# Anybody have Evans Pickups?...



## StevieMac (Mar 4, 2006)

I have a buddy putting together his own Jeff Healey "tribute" Strat and he's looking for an Evans neck p/u...E1R or E1HR I think. I'll post in WTB as well but, in the meantime, does anybody happen to have one or perhaps know where to look? Thanks.

Steve


----------



## Archer (Aug 29, 2006)

I had a set years ago. Thought they were pretty nice, nothing great about them though.


----------



## Accept2 (Jan 1, 2006)

I have some Evans. Great pickups, well made, and sounded great.

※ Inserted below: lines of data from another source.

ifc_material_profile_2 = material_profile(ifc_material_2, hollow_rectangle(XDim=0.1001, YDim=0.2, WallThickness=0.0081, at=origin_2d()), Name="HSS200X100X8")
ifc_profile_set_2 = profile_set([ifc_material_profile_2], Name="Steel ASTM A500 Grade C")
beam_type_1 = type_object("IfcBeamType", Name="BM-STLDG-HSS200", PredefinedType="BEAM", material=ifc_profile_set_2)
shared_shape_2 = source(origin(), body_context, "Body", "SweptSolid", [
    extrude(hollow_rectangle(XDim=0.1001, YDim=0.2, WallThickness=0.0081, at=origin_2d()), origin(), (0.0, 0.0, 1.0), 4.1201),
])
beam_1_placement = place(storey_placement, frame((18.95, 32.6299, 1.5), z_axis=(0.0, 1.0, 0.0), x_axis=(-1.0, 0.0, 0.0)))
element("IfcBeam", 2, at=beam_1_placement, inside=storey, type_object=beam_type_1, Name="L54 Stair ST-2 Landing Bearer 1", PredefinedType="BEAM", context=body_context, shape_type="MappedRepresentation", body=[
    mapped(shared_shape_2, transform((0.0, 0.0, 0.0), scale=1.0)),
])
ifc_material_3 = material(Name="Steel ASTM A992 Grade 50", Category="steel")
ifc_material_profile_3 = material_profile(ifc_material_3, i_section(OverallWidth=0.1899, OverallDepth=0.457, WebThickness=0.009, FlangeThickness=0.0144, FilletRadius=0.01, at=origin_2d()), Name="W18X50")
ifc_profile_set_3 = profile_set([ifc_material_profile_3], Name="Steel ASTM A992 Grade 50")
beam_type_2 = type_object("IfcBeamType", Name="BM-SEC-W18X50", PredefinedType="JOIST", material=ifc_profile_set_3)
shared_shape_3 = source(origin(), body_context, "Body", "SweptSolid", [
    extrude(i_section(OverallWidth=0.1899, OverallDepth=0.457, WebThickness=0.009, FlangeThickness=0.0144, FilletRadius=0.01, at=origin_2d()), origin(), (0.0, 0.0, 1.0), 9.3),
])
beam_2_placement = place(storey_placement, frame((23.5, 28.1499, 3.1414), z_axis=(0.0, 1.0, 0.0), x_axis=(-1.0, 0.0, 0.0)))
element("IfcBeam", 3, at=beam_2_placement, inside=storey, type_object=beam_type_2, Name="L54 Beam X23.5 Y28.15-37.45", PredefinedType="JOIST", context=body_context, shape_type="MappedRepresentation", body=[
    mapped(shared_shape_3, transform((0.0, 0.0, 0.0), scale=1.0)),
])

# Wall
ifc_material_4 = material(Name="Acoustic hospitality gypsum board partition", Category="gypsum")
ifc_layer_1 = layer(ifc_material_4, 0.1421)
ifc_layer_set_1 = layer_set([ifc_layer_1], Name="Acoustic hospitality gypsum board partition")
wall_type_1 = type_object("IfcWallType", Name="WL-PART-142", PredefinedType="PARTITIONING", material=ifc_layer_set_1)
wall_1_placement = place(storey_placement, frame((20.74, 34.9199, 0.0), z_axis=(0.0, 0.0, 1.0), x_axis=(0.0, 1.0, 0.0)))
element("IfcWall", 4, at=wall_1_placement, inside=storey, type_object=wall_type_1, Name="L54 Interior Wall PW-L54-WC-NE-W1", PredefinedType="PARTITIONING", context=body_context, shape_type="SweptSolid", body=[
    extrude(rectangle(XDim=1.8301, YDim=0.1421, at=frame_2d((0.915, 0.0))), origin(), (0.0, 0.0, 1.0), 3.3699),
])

I wish all companies would actually pay the extra 5 cents to include connectors.......


----------



## Kenmac (Jan 24, 2007)

I had an Evans bridge pickup in my Tokai Goldstar Sound guitar when I bought it back in 1985. The guy who I bought it from told me that the guy who sold it to him had it installed. I didn't like the sound of it at all. It was way too trebly and I replaced all the pickups with Lace Sensors. I know there are a lot of people who like Evans pickups and they probably are very good but this one, for me, just didn't have it. Here are a couple of photos I took of it awhile back. 

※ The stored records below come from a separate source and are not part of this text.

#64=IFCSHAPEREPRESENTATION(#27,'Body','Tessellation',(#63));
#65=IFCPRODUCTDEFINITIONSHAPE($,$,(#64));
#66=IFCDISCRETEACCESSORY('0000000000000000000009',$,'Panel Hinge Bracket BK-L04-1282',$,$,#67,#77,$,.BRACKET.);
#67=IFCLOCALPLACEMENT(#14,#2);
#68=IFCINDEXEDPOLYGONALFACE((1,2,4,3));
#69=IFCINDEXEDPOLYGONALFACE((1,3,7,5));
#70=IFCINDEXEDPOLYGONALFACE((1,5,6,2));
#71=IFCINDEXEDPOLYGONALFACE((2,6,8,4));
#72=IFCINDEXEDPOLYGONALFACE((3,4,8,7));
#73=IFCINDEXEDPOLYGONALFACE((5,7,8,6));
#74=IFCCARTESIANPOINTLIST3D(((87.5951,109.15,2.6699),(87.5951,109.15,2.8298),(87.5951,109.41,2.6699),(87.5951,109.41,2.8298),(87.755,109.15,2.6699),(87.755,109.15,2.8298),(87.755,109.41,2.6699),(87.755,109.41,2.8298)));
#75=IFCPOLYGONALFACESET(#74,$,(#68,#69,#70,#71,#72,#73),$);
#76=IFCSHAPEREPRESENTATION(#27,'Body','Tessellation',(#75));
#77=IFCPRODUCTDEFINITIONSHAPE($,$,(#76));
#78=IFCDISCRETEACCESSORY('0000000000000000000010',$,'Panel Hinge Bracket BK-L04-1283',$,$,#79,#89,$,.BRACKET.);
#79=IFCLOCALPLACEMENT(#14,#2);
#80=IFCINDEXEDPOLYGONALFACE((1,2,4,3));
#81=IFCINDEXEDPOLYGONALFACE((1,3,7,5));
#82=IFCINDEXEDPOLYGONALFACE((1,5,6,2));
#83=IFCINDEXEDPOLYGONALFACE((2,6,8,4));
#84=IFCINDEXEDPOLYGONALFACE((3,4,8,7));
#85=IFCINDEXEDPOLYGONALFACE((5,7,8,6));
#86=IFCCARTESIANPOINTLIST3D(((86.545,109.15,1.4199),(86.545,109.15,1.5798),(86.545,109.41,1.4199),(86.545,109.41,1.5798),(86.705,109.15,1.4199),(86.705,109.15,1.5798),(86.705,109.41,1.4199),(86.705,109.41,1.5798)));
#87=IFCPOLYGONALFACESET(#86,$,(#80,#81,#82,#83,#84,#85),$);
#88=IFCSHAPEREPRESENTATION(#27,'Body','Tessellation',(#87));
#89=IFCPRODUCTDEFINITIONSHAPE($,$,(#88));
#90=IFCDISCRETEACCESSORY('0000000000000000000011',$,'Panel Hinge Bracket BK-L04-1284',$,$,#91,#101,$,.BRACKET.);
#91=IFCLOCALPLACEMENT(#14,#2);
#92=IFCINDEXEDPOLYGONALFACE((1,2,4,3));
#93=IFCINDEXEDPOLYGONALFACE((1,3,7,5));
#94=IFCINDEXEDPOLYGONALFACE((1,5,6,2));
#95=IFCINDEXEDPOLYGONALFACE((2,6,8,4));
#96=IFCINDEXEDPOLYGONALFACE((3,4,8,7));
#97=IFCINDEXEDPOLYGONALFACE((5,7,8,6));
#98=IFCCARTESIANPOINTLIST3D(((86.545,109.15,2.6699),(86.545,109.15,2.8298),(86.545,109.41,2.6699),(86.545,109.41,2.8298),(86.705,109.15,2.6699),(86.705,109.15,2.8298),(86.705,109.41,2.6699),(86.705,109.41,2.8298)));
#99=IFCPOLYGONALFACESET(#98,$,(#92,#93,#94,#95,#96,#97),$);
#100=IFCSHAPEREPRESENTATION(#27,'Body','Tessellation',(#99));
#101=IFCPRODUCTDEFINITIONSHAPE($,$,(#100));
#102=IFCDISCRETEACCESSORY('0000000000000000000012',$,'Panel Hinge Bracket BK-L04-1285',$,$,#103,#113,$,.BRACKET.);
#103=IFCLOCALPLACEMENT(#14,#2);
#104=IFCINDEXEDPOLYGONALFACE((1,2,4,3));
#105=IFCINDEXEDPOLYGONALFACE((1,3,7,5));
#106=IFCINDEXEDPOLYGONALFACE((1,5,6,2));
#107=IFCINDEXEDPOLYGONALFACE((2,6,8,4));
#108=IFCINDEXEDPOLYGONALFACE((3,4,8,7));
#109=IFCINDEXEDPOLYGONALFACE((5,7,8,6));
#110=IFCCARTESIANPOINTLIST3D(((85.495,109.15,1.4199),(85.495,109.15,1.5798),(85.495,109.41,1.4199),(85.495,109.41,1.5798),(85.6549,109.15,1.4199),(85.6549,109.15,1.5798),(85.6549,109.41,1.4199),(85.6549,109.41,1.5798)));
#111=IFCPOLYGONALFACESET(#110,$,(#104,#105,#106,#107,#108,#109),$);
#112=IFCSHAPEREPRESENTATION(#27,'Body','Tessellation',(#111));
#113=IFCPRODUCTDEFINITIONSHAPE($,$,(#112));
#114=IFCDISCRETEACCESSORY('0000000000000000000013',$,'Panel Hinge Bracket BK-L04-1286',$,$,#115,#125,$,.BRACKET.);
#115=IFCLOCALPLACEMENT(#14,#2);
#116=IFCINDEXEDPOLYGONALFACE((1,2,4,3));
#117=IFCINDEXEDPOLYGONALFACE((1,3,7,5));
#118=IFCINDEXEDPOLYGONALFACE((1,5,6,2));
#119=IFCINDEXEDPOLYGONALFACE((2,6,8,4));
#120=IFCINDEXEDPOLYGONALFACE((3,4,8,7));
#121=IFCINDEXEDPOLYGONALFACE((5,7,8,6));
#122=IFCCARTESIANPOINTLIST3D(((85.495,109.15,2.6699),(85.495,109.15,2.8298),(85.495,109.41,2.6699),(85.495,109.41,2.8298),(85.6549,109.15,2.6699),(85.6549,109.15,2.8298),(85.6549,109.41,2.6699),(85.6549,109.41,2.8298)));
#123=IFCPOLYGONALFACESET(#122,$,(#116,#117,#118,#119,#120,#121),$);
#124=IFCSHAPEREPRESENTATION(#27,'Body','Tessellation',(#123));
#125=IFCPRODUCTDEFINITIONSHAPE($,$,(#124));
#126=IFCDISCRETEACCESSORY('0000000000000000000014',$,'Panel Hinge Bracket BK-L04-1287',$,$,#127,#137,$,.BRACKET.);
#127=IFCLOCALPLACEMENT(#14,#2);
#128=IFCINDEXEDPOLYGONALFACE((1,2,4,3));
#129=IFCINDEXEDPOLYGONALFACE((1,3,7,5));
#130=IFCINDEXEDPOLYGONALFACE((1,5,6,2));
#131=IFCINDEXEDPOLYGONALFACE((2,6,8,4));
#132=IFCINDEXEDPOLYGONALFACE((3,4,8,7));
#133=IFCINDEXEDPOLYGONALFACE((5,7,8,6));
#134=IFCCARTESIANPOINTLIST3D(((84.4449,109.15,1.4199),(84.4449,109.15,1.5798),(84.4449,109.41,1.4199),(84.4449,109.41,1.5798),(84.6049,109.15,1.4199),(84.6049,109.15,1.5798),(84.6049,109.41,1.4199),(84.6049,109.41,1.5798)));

I'm holding onto the pickup as I may install the pickup in another guitar sometime in the future.


----------



## StevieMac (Mar 4, 2006)

> I had a set years ago. Thought they were pretty nice, nothing great about them though.


Honestly, I've never used them or probably even heard them. AFAIK, the only interest my friend has is in getting one to make his tribute Strat as authentic as possible. 



> I'm holding onto the pickup as I may install the pickup in another guitar sometime in the future.


Not sure which model you have pictured but, if it's not an E1R or E1HR, I don't think my buddy would be interested anyway.

Anyone else?


----------



## xbolt (Jan 1, 2008)

I have a couple of NOS E1s 
A black E1 and a White E1H
The R may stand for red colour.


----------



## Mogwaii (Feb 16, 2007)

If I was to own an SSS Strat, it would have lace sensors



/useless comment


----------



## StevieMac (Mar 4, 2006)

PM sent xbolt.

If anyone else here will consider selling, please PM me and I'll pass the info along.

Steve


----------



## Budda (May 29, 2007)

StevieMac said:


> the only interest my friend has is in getting one to make his tribute Strat as authentic as possible.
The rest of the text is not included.